Contact less connected thermometer

I’ve recently made a post on how to make a pandemic alarming system based on low cost connected thermometers. This post was more about the organization model and business model than the technological solution and implementation. So I also wanted to continue to investigate the connected thermometer solution, mainly for the fun. As I’ve been sponsored by for some free hardware, it has been the opportunity for testing contact-less thermometers module.

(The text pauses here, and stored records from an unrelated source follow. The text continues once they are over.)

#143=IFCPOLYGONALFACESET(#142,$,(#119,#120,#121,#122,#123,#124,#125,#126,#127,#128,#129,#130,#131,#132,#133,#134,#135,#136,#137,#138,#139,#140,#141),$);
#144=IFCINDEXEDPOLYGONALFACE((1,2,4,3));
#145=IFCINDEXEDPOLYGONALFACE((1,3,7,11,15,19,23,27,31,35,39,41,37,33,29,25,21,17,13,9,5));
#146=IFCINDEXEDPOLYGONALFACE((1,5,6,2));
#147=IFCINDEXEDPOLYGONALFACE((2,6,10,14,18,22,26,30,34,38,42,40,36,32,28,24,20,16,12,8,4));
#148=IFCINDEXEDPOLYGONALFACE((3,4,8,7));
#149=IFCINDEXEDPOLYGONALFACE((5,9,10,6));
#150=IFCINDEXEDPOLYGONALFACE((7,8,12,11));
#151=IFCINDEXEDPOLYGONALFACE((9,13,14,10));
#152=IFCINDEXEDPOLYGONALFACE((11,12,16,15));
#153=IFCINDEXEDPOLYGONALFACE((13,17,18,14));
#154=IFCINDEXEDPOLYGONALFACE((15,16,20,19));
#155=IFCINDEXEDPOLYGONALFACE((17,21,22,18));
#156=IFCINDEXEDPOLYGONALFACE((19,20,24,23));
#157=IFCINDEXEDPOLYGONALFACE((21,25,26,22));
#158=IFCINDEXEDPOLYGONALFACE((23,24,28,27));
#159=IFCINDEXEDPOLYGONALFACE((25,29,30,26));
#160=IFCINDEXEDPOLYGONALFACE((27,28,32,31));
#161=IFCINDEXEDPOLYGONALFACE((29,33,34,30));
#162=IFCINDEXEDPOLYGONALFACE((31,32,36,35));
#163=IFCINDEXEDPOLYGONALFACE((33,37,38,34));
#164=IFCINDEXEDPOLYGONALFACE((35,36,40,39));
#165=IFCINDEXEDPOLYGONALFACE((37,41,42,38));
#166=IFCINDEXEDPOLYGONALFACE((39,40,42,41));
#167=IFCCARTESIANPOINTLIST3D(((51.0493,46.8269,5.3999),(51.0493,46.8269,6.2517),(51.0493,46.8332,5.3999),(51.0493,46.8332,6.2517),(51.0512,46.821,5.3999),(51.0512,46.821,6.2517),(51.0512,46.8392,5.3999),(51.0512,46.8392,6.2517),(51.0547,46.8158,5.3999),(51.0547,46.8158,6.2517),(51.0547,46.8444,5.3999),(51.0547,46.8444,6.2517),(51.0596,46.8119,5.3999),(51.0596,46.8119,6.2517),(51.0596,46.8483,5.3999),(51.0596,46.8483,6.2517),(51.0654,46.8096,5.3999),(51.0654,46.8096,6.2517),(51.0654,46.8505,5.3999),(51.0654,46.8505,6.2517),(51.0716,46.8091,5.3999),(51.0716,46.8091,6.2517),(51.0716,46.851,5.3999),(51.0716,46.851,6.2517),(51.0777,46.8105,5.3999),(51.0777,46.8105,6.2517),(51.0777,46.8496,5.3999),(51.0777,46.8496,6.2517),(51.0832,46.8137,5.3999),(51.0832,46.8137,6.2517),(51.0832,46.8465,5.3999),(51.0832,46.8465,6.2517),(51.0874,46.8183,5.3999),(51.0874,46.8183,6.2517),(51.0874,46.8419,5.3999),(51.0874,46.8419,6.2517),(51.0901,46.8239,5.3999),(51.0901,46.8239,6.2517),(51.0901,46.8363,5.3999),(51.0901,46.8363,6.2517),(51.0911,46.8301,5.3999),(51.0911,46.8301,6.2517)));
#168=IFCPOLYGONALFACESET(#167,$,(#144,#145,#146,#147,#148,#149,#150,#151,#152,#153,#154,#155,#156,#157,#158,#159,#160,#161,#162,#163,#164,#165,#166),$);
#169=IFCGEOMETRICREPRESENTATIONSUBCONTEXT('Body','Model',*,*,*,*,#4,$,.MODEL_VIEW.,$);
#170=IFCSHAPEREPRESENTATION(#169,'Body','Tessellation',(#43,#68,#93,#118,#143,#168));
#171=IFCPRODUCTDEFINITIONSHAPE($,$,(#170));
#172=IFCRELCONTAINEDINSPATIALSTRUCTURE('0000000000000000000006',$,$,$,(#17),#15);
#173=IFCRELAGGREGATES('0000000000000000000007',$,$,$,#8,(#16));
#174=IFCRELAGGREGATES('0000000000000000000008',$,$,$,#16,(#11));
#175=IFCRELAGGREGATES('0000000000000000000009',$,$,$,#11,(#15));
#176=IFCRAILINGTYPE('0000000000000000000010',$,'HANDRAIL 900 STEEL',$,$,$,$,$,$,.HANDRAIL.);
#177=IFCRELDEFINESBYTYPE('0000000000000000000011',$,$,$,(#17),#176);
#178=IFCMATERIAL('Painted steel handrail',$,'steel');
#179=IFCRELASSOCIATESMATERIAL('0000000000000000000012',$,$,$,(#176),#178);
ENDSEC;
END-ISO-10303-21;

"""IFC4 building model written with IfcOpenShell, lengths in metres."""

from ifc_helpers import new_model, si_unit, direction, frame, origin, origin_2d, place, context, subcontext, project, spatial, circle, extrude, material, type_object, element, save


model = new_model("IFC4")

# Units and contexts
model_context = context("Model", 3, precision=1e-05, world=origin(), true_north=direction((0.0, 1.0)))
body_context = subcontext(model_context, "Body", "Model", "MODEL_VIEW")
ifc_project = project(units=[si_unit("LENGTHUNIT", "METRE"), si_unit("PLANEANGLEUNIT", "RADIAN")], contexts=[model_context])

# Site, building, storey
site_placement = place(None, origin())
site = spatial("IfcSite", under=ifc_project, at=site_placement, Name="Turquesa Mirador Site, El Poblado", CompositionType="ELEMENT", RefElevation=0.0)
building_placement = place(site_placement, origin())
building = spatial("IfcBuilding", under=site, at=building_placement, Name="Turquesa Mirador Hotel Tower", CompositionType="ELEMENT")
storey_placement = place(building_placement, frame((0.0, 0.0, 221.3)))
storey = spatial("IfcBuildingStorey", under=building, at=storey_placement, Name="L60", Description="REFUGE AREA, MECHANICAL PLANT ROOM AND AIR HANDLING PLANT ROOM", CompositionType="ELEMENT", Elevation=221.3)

The design I’m going to propose in this post will not apply to the low-cost connected thermometers as the technology I’m going to use is far more expensive to the one I proposed in my previous post.

That said, this design can be useful for companies, public site or free access thermometer booth anyone would like to design at low cost.


Hardware involved

The involved hardware has been chosen for its convenience because I want to make it quickly and I want to reuse most of available components in my stock.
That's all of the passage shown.